I sometimes use drywall compound. Usually though, since I caulk between the baseboards, other trim and walls/ceilings I have a caulking gun going and just fill them with caulk if they are to be painted as I go along. 

Prime over anything but wood filler on wood to be stained of course.


----------



## ltd (Jan 16, 2011)

i like to use a product called ready patch its a very dense spacek press in in with flexible putty knife then scrape clean let dry then,once over with fine sand paper prime and paint .for corners and gapes use a quality paintable caulk


----------



## beachfront71 (Jan 22, 2011)

Thanks,

I have been using caulk but on areas that are eye level you can see all the holes that were filled.. I am trying painters putty right not but have not painted over it yet .

The biggest / toughest is getting the outside corners nice so they look good and handle any traffic that may bump them ..


----------



## jsheridan (Jan 30, 2011)

I use a lightweight vinyl spackle on holes, it has the consistency of thick shave cream. Press it in with your finger, overfill the hole. When it's dry sand it smooth. Dries quick, sands easily, looks great when finished. As to outside corners, anything but caulk will usually crack, though it's worth a shot to try the lightweight. 

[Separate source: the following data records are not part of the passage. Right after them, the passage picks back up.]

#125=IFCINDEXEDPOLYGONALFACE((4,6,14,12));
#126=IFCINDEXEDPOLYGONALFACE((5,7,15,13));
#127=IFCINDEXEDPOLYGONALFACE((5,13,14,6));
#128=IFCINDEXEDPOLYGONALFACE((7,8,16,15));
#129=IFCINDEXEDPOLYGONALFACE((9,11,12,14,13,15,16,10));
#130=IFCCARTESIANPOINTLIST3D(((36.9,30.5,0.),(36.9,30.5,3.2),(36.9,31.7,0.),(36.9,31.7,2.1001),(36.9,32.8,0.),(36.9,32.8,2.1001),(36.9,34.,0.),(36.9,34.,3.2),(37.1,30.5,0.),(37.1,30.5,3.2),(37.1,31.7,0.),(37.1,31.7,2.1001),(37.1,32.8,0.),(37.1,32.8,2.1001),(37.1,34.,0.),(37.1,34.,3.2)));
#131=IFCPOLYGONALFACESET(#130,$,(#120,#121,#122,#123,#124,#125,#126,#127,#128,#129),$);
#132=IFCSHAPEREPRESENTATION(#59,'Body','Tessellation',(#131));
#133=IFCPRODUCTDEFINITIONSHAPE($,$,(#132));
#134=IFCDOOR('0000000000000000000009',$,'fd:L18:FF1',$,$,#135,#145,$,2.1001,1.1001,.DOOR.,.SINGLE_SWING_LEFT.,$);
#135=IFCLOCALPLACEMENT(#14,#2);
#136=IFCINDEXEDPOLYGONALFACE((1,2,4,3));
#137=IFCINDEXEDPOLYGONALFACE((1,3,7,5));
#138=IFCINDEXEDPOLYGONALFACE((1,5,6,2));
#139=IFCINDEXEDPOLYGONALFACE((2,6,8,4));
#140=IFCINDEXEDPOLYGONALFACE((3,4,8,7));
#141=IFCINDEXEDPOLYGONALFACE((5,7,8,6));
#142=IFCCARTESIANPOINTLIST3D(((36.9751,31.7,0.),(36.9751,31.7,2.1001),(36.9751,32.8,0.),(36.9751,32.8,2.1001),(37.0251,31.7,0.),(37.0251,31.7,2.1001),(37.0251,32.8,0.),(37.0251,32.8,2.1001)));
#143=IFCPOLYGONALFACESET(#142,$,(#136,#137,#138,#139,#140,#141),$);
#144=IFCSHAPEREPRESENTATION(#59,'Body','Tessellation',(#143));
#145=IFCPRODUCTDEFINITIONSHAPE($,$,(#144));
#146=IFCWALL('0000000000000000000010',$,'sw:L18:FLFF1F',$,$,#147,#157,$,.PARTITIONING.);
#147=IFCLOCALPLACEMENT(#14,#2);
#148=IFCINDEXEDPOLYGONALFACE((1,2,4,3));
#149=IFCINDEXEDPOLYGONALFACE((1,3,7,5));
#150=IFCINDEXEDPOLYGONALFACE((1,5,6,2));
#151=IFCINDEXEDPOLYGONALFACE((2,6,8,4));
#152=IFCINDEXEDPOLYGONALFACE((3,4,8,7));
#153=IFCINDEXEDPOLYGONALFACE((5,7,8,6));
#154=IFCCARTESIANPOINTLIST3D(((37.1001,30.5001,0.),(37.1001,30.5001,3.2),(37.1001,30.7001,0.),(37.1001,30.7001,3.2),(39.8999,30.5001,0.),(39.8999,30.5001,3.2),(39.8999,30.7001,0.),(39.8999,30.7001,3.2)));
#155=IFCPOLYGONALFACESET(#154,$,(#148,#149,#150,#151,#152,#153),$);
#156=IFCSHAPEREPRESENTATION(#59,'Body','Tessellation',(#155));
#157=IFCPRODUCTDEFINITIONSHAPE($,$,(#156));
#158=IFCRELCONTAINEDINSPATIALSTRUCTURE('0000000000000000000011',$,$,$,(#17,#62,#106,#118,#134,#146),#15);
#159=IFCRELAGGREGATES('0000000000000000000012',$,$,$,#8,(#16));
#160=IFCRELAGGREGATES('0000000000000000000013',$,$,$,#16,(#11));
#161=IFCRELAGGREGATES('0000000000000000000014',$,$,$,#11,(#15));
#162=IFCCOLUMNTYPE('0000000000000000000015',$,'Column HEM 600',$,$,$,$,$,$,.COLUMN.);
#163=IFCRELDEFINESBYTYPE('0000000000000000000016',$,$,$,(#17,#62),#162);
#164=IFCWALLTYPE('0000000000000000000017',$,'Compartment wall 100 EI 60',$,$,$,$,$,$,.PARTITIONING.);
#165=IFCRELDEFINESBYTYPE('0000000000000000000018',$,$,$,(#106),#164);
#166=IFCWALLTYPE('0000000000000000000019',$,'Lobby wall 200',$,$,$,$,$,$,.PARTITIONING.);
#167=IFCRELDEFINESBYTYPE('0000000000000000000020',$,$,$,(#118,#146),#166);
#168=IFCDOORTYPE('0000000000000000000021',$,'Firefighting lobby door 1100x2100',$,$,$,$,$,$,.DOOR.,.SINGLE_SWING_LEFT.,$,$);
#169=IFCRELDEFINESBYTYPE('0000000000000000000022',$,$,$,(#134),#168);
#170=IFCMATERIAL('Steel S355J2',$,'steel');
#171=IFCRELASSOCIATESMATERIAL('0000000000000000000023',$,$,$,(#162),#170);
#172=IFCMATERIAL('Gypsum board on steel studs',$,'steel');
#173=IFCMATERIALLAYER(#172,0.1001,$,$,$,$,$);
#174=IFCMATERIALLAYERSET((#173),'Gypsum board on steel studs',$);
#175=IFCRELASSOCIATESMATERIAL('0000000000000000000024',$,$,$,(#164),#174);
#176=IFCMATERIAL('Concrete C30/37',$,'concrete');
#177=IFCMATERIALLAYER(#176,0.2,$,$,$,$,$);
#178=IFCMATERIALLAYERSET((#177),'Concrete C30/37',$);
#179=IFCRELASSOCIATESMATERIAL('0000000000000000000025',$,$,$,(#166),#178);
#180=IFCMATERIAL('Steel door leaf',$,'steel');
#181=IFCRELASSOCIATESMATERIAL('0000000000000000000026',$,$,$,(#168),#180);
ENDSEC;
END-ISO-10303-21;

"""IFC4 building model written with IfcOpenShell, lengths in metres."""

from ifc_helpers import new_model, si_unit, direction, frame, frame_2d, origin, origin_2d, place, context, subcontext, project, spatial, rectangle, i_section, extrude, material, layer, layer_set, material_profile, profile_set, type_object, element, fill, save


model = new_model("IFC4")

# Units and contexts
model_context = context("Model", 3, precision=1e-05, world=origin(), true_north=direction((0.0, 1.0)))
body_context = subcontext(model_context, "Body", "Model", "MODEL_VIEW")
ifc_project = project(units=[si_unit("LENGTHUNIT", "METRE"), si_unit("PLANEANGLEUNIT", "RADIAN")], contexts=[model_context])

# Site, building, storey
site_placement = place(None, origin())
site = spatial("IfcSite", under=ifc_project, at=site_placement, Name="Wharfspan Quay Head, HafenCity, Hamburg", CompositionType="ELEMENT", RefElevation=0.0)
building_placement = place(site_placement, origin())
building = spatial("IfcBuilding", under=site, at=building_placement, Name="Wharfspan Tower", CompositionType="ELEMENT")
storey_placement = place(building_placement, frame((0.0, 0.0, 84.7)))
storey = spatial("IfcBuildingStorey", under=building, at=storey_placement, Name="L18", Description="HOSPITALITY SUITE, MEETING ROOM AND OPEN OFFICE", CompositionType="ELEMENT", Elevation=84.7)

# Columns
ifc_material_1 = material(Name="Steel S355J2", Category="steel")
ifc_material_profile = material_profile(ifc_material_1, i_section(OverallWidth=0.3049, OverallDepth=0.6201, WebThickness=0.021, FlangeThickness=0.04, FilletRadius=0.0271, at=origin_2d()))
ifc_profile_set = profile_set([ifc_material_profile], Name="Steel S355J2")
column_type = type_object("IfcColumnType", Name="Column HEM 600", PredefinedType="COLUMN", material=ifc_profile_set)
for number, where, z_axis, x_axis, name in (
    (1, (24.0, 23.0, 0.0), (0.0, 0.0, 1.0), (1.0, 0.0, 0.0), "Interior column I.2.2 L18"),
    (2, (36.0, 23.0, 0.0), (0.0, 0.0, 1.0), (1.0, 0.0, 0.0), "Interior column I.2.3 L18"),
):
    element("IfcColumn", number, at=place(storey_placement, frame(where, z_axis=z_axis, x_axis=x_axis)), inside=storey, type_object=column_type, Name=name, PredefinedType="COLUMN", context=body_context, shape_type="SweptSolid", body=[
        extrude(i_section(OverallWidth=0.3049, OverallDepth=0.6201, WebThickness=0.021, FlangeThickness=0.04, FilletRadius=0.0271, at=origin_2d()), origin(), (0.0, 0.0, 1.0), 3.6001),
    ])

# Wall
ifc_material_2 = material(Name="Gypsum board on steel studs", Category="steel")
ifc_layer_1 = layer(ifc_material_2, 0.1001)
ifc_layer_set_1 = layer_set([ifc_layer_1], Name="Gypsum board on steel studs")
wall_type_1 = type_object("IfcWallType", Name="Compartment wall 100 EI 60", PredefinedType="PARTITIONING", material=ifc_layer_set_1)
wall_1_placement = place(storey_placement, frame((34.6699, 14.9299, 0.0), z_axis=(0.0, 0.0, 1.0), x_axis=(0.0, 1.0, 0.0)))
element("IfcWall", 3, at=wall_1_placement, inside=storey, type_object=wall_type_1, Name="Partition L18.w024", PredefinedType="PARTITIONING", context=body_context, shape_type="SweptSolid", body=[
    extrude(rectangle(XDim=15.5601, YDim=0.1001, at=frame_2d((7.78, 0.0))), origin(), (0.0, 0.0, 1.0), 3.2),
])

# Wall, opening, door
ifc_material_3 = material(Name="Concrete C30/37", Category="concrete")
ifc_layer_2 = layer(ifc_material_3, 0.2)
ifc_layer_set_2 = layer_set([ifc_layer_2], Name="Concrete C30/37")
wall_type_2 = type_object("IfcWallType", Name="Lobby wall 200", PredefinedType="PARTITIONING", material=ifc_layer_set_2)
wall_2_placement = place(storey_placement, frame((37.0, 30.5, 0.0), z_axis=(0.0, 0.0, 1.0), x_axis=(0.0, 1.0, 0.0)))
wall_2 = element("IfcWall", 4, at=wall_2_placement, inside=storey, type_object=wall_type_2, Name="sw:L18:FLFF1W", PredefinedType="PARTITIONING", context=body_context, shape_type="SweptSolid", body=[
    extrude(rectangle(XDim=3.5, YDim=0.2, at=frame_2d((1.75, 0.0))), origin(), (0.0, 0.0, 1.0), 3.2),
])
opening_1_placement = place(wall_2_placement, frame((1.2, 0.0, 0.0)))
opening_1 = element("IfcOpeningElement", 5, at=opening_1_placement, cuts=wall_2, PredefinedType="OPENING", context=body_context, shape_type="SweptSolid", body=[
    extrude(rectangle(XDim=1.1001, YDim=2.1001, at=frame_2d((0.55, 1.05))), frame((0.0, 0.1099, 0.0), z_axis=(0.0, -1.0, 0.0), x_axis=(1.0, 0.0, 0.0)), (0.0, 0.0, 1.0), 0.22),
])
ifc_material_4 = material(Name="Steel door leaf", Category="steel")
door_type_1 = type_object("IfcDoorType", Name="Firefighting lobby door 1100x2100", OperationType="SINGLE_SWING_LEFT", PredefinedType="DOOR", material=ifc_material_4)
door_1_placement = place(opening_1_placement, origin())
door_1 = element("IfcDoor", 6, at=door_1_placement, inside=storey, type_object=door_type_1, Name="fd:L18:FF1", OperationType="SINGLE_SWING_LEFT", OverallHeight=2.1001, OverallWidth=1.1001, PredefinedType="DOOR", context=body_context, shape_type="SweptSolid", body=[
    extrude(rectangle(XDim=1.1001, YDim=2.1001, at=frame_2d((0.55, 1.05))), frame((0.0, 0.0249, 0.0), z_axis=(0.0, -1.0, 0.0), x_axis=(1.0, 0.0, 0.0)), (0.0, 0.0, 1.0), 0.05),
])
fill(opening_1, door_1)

Sdsester, what does your last sentence mean? "Prime over anything but wood filler on wood to be stained of course."


----------



## risco (Apr 5, 2013)

Jsheridan...what exactly is the product called that you use? Where do you get it?


----------



## princelake (Feb 19, 2012)

i use miter bond or 2p-10 for my outside corners. you glue the pieces together first make the joint perfect then nail it on. you will need next to no putty or fill just paint. for the nail holes use poly fill or a glazing putty. i also caulk top of the base and inside corners then paint it all.


----------



## joecaption (Nov 30, 2011)

Inside corners should have been coped so there was no gaps.
Outside corners can be tapped with a hammer to round them over and sanded so there is no gap.
Painters puddy or Fast and Final works for me.

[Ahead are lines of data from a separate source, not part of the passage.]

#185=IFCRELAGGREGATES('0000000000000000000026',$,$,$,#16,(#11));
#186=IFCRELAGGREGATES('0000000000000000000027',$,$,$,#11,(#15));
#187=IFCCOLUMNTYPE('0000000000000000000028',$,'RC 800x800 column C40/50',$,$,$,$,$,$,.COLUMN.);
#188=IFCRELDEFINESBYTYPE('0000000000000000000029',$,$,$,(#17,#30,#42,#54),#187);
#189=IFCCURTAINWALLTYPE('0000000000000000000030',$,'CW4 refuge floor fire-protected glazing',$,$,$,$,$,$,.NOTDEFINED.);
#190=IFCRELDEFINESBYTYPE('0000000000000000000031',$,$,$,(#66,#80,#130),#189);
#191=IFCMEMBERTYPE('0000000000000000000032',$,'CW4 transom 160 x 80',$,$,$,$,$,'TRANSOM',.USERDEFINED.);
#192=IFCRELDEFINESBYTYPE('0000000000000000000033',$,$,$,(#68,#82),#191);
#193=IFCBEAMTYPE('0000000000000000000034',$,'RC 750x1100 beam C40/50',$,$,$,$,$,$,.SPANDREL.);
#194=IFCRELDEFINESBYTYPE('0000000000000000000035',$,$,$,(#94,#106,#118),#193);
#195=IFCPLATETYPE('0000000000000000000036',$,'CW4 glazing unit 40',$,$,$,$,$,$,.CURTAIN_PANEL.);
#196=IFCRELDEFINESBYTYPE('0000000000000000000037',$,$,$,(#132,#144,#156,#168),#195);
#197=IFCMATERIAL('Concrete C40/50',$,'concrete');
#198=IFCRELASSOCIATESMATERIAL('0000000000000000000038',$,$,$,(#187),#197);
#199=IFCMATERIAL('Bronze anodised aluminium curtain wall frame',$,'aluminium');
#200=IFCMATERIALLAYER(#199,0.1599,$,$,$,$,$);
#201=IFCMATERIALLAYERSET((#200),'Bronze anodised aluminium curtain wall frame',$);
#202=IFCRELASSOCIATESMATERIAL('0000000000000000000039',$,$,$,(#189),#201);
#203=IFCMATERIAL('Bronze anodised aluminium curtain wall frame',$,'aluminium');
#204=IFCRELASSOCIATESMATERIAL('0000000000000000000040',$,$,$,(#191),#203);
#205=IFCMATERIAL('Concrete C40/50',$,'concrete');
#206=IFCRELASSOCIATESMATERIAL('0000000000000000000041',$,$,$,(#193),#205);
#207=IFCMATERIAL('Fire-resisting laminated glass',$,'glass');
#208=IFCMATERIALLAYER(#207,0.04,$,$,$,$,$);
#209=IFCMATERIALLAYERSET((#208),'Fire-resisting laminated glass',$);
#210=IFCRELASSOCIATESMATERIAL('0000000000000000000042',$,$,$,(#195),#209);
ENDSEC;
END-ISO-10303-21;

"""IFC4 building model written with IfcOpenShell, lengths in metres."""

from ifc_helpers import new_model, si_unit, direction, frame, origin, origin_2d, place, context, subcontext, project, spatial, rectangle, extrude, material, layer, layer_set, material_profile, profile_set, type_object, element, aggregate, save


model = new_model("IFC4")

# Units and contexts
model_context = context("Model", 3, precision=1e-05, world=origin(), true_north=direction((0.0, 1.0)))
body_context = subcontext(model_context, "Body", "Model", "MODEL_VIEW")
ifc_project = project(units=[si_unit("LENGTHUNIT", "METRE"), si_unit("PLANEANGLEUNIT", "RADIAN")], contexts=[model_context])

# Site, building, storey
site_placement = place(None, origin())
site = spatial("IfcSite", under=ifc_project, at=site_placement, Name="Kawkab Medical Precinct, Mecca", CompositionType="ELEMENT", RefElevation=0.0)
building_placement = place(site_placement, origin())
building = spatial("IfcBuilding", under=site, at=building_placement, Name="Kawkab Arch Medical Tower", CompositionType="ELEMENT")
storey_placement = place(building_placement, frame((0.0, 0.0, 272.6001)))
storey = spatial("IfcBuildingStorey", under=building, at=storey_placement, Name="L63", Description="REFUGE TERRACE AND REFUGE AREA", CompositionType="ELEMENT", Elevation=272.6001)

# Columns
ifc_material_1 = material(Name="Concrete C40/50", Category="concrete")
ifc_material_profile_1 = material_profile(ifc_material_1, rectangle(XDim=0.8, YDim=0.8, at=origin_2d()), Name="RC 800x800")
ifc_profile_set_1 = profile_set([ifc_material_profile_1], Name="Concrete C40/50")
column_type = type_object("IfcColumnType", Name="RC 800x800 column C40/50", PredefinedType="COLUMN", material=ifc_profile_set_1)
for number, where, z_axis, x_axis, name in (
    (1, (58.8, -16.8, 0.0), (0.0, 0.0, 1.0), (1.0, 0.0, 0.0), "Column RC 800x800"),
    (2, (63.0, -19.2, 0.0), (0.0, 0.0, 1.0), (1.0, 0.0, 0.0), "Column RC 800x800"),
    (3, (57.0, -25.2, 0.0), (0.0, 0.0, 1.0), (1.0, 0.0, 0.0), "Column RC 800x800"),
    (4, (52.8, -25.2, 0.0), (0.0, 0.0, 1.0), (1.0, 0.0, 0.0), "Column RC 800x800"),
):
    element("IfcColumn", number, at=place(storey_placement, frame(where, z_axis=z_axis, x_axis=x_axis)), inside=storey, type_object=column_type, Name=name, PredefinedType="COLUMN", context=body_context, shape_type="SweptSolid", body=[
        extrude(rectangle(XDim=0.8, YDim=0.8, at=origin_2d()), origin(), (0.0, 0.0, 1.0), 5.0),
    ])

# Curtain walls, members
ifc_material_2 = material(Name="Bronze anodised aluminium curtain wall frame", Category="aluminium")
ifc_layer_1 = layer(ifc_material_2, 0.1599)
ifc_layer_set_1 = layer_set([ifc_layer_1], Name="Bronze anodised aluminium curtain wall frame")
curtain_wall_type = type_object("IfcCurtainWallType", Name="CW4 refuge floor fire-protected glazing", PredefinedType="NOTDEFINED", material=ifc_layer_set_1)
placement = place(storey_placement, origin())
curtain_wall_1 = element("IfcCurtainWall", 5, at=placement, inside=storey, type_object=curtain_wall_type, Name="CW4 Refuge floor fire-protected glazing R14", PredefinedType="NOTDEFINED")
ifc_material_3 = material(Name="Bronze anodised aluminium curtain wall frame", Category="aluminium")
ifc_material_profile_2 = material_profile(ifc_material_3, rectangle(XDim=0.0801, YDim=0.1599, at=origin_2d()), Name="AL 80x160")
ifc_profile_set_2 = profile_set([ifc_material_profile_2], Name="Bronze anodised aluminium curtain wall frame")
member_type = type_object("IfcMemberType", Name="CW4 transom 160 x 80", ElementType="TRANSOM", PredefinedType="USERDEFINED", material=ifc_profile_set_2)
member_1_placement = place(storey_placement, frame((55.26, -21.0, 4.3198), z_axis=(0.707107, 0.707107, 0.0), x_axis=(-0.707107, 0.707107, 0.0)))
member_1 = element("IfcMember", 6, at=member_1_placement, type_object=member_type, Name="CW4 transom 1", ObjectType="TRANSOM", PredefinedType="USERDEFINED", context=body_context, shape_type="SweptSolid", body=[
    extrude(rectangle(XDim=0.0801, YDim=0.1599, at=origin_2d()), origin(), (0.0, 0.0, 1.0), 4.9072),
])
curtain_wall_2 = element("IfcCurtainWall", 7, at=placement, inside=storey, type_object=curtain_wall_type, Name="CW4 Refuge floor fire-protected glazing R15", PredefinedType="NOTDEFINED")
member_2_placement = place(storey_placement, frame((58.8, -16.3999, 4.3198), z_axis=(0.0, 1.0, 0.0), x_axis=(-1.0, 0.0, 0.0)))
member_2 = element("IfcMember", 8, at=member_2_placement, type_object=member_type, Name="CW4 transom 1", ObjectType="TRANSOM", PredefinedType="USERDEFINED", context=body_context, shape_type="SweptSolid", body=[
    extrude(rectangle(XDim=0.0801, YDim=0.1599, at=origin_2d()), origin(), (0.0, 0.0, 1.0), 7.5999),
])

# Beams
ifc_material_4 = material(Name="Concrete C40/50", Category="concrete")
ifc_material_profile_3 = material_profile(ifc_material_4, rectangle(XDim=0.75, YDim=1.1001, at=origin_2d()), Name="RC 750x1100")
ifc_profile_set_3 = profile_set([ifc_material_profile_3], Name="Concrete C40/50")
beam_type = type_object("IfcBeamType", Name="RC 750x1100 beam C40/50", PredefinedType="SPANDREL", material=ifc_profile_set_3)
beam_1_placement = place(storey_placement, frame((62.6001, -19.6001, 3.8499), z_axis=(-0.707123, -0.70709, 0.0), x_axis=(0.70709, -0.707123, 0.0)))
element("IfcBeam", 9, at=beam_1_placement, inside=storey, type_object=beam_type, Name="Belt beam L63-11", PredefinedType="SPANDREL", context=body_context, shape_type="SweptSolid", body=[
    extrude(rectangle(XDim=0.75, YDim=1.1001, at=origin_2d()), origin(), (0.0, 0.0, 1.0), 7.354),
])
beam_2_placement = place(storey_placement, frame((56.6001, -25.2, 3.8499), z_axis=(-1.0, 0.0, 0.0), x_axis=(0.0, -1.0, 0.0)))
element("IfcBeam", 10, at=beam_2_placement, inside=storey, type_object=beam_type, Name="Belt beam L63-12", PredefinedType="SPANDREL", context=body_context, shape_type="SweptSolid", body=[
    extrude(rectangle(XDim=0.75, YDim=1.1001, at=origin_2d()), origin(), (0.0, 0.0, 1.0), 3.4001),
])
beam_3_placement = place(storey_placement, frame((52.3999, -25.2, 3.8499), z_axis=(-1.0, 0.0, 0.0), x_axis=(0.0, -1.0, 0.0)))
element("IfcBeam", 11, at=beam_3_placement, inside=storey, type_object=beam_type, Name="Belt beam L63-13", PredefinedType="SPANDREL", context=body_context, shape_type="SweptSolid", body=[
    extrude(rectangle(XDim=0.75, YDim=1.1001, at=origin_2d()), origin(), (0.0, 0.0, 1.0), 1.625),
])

http://www.dap.com/product_details.aspx?product_id=61


----------



## ToolSeeker (Sep 19, 2012)

I use M&H spackle But I would suggest not putting it in with your finger. If you look at the end of you finger it is round so when you push the spackle in it makes it concave, so it is already a divot. If you apply it with a flexible putty knife it is flat on the trim. And on the outside corners a trick I learned many years ago. If the gap is not to big take a screwdriver with a round shaft, hold both end and run the round screwdriver shaft up and down the miter and kinda burnish the joint. The high side will kinda collapse and fill the gap and you will never see it.


----------



## princelake (Feb 19, 2012)

i agree cope the inside corners it makes alot nicer joint. it takes longer to do but its worth it in the end. 
i'm sorry but rounding the outside corners is such a hacker trick. i'd only do it on the baseboard that you already installed and that you need a fix for. if you have to smush and round the corner something is wrong. one piece is to long or your angles are out.


----------



## chrisn (Dec 23, 2007)

princelake said:


> i agree cope the inside corners it makes alot nicer joint. it takes longer to do but its worth it in the end.
> i'm sorry but rounding the outside corners is such a hacker trick. i'd only do it on the baseboard that you already installed and that you need a fix for. if you have to smush and round the corner something is wrong. one piece is to long or your angles are out.


 
You calling old Joe a hacker???????:laughing::laughing::laughing:


----------



## chrisn (Dec 23, 2007)

risco said:


> Jsheridan...what exactly is the product called that you use? Where do you get it?


 
get it most anywhere, Lowes or Home Depot, any real paint store


----------



## ToolSeeker (Sep 19, 2012)

chrisn said:


> You calling old Joe a hacker???????:laughing::laughing::laughing:


No cris it was me. I guess it's better to fill a small gap with chaulk.


----------